Please do not attack any other person's faith or lack thereof, just the simple opinion on the basis of what we should teach children to have a better future. Thanks.



http://youtu.be/gHbYJfwFgOU



http://youtu.be/JxX11c1cSWU

DuckiesDarling
Sep 1, 2012, 2:14 PM
Part 2 of the rebuttal videos since max in one post is two vids :D


http://www.youtube.com/watch?v=r-AyDtD6sPA&feature=share&list=UUXLsVwHXCzoS Y9b8M65p OJg

Warrior Poet 69
Sep 1, 2012, 4:03 PM
Sorry DD, not touching this one with a ten foot pole!

Gearbox
Sep 1, 2012, 4:39 PM
Please do not attack any other person's faith or lack thereof, just the simple opinion on the basis of what we should teach children to have a better future. Thanks.
I teach mine to question EVERYTHING! Even me.lol Evolution is is not an exscuse to stop thinking, stop questioning, assume it's all done & dusted and to ignore anything that contradicts that. Neither is creationalism!
IMO both should be offered as possibilities, and neither as dead cert truth. That way, future generations have something to chew on and not to get all heretic about. Bless em.:)

CelticBerserker
Sep 1, 2012, 4:54 PM
Believing in a higher power does not necessarily mean you disavow evolution is my own personal opinion.

Sums it up for me. My grandfather was a professor of nuclear medicine @ Johns Hopkins and a lifelong devout Catholic. He never seemed to have trouble balancing science and faith, nor do I really. Although I'm closer to Lutheran myself ;) All my family has ever told me to do is make up my own mind.

tenni
Sep 1, 2012, 5:31 PM
Interesting. I had not heard of the term "historical science" versus "observational sciences". I would suspect that observational science may exclude not just those that some label historical but physics, psychology and more. Although some aspects of psychology come from observable experimentation and studies.

Here is what I found when I googled.

"Historical science" is a term used to describe sciences in which data is provided primarily from past events and for which there is usually no direct experimental data, such as cosmology, astronomy, astrophysics, geology, paleontology and archaeology. The term is often misused by creationists for any science that "interpret[s] evidence from the past and includes the models of evolution and special creation."It is used to designate those sciences which creationists have complaints about, such as evolution and abiogensis, and is the opposite of operational or experimental science.

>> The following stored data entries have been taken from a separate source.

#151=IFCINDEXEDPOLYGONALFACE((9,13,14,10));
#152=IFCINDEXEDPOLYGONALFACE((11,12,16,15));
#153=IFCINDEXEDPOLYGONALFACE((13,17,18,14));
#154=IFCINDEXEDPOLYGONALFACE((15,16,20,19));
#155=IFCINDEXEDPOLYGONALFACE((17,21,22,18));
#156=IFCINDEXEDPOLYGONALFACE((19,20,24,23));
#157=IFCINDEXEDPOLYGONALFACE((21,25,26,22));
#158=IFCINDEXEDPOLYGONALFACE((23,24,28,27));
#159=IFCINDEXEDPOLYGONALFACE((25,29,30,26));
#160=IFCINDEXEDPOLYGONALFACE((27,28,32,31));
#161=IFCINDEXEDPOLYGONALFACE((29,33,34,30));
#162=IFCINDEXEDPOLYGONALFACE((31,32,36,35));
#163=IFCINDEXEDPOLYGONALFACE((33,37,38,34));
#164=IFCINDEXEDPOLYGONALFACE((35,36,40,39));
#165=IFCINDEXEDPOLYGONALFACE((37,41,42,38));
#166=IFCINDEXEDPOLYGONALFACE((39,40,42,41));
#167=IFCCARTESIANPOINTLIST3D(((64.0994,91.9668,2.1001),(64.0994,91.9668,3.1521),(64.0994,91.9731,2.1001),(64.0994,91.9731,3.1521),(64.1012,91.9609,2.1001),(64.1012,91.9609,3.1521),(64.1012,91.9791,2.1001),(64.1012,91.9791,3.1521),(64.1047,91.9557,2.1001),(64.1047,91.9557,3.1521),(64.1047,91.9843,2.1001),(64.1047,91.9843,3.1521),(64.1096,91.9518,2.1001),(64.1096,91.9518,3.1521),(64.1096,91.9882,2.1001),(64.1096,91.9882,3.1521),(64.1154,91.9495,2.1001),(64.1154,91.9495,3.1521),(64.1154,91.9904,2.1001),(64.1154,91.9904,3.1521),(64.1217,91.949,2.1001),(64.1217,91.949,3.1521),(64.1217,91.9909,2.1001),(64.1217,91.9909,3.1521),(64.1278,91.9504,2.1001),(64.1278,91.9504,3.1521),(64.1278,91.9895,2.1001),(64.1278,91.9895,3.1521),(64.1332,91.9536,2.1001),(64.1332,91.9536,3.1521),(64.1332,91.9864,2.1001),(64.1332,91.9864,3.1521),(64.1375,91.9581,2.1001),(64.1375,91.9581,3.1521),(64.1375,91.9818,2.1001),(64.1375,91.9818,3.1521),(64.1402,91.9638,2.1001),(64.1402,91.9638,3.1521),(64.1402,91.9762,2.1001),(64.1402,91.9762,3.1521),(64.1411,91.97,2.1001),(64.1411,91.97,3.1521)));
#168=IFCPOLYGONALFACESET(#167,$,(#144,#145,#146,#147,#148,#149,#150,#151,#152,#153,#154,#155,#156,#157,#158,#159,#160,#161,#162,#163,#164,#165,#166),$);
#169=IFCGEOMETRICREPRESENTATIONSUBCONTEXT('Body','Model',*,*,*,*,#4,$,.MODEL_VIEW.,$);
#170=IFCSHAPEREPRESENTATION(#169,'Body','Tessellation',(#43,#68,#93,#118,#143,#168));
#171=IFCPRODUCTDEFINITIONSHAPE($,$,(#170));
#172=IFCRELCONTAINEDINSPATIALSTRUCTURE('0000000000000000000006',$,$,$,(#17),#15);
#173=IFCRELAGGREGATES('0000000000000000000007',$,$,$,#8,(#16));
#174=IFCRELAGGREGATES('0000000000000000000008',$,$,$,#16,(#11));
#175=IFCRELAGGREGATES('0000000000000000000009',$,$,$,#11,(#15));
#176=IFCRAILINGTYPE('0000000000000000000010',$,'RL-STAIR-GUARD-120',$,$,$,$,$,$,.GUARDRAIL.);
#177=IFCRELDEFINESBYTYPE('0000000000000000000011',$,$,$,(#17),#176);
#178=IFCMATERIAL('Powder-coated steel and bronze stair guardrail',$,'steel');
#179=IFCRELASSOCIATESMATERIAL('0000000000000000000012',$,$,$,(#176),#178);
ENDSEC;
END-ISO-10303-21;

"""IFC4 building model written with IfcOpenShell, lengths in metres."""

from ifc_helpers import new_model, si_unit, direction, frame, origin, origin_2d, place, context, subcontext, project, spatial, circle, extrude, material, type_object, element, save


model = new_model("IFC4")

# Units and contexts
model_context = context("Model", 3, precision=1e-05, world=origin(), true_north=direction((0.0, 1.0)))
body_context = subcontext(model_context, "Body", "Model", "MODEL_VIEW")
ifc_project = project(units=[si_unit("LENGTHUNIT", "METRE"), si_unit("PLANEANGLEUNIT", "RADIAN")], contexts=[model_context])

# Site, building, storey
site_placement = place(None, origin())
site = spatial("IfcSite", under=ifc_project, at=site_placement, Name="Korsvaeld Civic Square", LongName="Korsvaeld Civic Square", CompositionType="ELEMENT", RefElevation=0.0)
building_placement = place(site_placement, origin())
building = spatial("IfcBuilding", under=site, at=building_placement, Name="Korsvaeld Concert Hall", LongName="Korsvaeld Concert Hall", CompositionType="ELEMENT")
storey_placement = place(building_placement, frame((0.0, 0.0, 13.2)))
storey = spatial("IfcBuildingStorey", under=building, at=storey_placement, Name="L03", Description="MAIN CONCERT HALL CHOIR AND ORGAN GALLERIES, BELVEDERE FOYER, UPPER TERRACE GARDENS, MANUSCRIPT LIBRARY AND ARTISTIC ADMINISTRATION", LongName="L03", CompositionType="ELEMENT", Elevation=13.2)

In her 2001 paper, "Historical science, experimental science, and the scientific method,"] (http://rationalwiki.org/wiki/Historical_science#cite_note-1)\ Dr. Carol Cleland of the Department of Philosophy and Center for Astrobiology at the University of Colorado in Boulder writes:



Many scientists believe that there is a uniform, interdisciplinary method for the practice of good science. The paradigmatic examples, however, are drawn from classical experimental science. Insofar as historical hypotheses cannot be tested in controlled laboratory settings, historical research is sometimes said to be inferior to experimental research. Using examples from diverse historical disciplines, this paper demonstrates that such claims are misguided. First, the reputed superiority of experimental research is based upon accounts of scientific methodology (Baconian inductivism or falsificationism) that are deeply flawed, both logically and as accounts of the actual practices of scientists. Second, although there are fundamental differences in methodology between experimental scientists and historical scientists, they are keyed to a pervasive feature of nature, a time asymmetry of causation. As a consequence, the claim that historical science is methodologically inferior to experimental science cannot be sustained.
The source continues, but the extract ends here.